Whitney : Can I Be Me
So emotional…
M assive talent, inner turmoil, dead too soon: Nick Broomfield’s portrait of Whitney Houston’s rise and plummet shares more than a first-name title with recent docs about Amy Winehouse and Janis Joplin. It lacks the all-access density of Amy, but doc vet Broomfield tackles Houston’s tale with similar tools, navigating choppy emotions with old-school docu-rigour.
Broomfield ( Kurt & Courtney) works reams of archive matter into narrative shape and shakes them up for revelations. Houston’s ’hood upbringing and long-rumoured lesbian relationship with Robyn Crawford (not interviewed, sadly) are explored. We learn, too, how Houston’s mainstream-targeted image drew criticism. Though hurt, Houston’s talent shines through: in Rudi Dolezal’s up-close 1999 live footage, her voice roars.

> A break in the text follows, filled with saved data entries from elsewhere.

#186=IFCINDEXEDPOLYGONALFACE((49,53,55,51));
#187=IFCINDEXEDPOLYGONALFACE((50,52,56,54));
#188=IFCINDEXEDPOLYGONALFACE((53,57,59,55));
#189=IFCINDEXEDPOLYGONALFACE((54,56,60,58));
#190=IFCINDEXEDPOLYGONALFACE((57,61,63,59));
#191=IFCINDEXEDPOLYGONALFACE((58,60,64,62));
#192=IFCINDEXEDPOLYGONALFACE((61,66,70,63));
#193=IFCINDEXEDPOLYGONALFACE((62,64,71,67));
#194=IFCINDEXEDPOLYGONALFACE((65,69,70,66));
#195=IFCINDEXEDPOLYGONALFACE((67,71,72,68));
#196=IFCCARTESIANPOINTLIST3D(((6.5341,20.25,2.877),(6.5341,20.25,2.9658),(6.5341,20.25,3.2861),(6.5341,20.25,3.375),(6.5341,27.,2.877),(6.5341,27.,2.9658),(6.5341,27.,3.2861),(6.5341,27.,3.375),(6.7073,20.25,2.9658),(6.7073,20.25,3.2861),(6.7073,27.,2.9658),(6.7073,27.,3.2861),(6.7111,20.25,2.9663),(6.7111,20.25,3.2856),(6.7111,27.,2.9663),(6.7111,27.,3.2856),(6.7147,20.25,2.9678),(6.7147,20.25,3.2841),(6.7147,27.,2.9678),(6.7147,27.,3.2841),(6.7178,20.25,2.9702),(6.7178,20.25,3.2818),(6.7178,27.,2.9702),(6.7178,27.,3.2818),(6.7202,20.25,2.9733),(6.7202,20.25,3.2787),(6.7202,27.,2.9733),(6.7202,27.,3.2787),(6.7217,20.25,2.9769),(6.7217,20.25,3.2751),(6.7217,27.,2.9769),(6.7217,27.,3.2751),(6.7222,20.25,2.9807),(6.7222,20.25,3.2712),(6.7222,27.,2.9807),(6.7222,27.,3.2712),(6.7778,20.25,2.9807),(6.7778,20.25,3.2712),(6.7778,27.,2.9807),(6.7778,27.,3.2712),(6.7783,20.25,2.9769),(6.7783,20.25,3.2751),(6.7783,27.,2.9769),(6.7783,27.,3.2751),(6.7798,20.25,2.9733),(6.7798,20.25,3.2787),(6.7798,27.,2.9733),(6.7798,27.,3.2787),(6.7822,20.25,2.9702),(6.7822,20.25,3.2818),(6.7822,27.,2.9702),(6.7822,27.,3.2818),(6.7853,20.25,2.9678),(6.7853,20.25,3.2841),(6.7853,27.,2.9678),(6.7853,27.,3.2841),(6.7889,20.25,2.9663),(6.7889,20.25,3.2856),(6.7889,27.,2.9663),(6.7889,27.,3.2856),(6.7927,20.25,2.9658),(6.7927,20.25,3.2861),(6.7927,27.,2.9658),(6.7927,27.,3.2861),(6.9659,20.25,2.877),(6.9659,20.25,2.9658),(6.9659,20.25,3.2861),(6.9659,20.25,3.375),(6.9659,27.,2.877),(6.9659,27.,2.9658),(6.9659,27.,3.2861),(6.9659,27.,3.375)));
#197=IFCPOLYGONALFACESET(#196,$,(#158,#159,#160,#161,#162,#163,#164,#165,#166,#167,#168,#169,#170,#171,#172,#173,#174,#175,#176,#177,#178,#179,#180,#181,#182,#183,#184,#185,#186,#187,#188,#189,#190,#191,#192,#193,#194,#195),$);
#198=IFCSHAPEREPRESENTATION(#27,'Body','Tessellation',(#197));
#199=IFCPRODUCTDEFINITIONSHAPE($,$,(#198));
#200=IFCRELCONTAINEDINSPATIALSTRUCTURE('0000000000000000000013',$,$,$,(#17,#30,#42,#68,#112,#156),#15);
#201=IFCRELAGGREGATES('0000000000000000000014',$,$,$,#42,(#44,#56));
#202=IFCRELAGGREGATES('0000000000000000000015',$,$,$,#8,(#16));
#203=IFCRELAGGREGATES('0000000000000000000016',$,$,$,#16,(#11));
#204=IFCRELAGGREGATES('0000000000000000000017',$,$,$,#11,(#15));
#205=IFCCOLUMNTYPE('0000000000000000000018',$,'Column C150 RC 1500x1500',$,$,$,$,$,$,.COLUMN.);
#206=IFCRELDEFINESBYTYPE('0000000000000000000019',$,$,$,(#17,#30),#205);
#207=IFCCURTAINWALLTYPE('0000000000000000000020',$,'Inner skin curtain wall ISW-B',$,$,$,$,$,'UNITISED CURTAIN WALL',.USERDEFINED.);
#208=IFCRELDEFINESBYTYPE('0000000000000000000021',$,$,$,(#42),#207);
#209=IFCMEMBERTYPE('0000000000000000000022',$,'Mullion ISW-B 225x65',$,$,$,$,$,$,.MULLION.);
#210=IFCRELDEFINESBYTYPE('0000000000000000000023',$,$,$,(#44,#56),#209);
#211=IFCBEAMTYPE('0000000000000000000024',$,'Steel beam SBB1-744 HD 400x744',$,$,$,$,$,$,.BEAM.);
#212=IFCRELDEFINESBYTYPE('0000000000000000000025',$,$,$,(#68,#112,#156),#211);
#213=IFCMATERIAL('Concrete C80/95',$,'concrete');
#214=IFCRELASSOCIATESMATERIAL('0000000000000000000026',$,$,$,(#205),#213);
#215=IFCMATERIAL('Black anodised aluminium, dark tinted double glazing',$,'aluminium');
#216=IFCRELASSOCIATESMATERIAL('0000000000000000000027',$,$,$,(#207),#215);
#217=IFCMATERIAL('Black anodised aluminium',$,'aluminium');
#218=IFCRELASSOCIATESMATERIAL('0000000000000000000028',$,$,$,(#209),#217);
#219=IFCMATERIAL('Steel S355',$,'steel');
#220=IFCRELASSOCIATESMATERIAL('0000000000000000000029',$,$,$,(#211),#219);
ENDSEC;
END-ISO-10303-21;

Yet the roar became a rasp when drugs took hold. Exacerbated by family troubles and industry pressures, Houston couldn’t stall her 2000s fall. Grimly, she couldn’t save her daughter, either. Broomfield doesn’t address Houston’s painful 2010 return, but he hardly needs to. As a richly detailed portrait of showbiz tragedy at its cruellest, Whitney is heart-wringing enough already. Kevin Harley
THE VERDICT
Fame eats its own: Broomfield deepens an archetypal tale with the aches of human loss and talent wasted.